To adjust logging level use sc.setLogLevel(newLevel). For SparkR, use setLogLevel(newLevel).


24/05/21 18:05:22 WARN NativeCodeLoader: Unable to load native-hadoop library for your platform... using builtin-java classes where applicable


In [2]:
ld_matrix = np.load("/Users/yt4/Projects/ot_data/tmp/ld_matrix.npy")
ld_index=session.spark.read.parquet("/Users/yt4/Projects/ot_data/tmp/ld_index")
ld_matrix_for_sim=ld_matrix[0:500,:][:,0:500]
ld_index_for_sim=ld_index.limit(500)

## Number of causal variants = 1

In [None]:
n_causal=1
x1=FineMappingSimulations.SimulationLoop(
        n_iter=100,
        n_causal=n_causal,
        session=session,
        he2_reggen=0.003,
        sample_size=100_000,
        ld_matrix_for_sim=ld_matrix_for_sim,
        ld_index=ld_index_for_sim
);

In [4]:
x2=x1[(x1["pValueExponent"]<=-6) | (x1["credibleSetIndex"]==1)]
x3=x2[(x2["purityMinR2"]>=0.25) | (x2["credibleSetIndex"]==1)]

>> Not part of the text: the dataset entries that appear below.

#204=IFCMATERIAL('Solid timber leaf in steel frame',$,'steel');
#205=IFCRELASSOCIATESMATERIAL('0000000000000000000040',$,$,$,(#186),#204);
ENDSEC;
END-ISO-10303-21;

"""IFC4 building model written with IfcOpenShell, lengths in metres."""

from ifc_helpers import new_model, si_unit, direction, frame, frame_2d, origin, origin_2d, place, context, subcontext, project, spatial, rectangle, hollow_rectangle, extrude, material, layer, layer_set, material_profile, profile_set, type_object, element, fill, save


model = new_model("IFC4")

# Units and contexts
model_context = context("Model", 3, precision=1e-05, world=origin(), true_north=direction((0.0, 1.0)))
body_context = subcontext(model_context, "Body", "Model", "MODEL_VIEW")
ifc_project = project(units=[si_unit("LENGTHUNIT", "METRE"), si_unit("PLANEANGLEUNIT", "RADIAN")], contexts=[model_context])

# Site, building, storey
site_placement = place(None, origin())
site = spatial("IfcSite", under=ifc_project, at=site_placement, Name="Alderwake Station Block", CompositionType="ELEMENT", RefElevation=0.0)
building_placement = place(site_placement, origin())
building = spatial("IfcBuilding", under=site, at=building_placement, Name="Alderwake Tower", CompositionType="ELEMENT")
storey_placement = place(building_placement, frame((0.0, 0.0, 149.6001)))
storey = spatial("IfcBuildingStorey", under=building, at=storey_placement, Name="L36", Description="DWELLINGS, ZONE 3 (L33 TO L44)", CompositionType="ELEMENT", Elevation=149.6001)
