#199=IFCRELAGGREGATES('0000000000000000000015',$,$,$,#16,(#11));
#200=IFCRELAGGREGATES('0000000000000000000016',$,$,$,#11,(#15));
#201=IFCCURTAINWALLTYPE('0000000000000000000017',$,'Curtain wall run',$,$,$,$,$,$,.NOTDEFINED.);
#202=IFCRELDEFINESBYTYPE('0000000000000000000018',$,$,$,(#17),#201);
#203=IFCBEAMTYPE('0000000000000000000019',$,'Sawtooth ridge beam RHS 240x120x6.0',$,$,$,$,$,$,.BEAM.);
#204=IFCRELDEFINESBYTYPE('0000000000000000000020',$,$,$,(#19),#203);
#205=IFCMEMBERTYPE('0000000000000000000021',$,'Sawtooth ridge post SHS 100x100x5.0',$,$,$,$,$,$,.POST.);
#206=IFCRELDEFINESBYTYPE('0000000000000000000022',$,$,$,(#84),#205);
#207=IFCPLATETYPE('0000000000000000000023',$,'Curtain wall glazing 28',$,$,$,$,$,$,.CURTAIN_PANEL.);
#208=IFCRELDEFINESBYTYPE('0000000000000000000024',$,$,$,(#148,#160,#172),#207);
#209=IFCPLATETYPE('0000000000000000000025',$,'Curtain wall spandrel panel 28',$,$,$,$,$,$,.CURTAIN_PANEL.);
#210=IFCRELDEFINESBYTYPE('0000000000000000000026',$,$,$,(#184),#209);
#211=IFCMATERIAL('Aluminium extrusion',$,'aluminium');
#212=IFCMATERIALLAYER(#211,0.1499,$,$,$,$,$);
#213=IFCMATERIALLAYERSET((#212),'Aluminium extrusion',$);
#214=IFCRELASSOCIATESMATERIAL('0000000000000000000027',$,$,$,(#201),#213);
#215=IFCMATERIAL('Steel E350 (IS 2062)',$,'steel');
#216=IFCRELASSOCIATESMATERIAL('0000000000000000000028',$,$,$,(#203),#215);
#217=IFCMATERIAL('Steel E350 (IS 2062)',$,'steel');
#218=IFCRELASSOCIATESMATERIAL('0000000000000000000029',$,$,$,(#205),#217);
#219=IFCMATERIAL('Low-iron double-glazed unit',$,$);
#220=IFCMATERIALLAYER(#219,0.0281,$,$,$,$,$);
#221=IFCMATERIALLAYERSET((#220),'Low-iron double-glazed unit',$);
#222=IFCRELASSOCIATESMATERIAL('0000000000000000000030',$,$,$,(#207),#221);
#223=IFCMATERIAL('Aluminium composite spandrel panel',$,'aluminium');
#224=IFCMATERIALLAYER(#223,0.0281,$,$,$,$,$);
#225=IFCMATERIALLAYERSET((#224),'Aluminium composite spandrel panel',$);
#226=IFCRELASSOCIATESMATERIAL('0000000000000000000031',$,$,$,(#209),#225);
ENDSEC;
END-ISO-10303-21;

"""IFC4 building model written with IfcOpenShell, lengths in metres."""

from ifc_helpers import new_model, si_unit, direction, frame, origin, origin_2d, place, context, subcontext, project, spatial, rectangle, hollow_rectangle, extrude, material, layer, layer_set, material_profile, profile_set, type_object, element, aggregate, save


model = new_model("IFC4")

{'successful_runs': 76, 'number_of_cs': 76, 'expected_results': 76, 'false_positives': 0.013157894736842105, 'accuracy': 0.9868421052631579, 'accuracy_lead': 0.6447368421052632, 'sensitivity': 0.9868421052631579}
{'successful_runs': 76, 'number_of_cs': 76, 'expected_results': 76, 'false_positives': 0.013157894736842105, 'accuracy': 0.9868421052631579, 'accuracy_lead': 0.6447368421052632, 'sensitivity': 0.9868421052631579}
{'successful_runs': 76, 'number_of_cs': 76, 'expected_results': 76, 'false_positives': 0.013157894736842105, 'accuracy': 0.9868421052631579, 'accuracy_lead': 0.6447368421052632, 'sensitivity': 0.9868421052631579}


## Number of causal variants = 3

In [None]:
n_causal=3
x1=FineMappingSimulations.SimulationLoop(
        n_iter=100,
        n_causal=n_causal,
        session=session,
        he2_reggen=0.003,
        sample_size=100_000,
        ld_matrix_for_sim=ld_matrix_for_sim,
        ld_index=ld_index_for_sim
);

In [6]:
x2=x1[(x1["pValueExponent"]<=-6) | (x1["credibleSetIndex"]==1)]
x3=x2[(x2["purityMinR2"]>=0.25) | (x2["credibleSetIndex"]==1)]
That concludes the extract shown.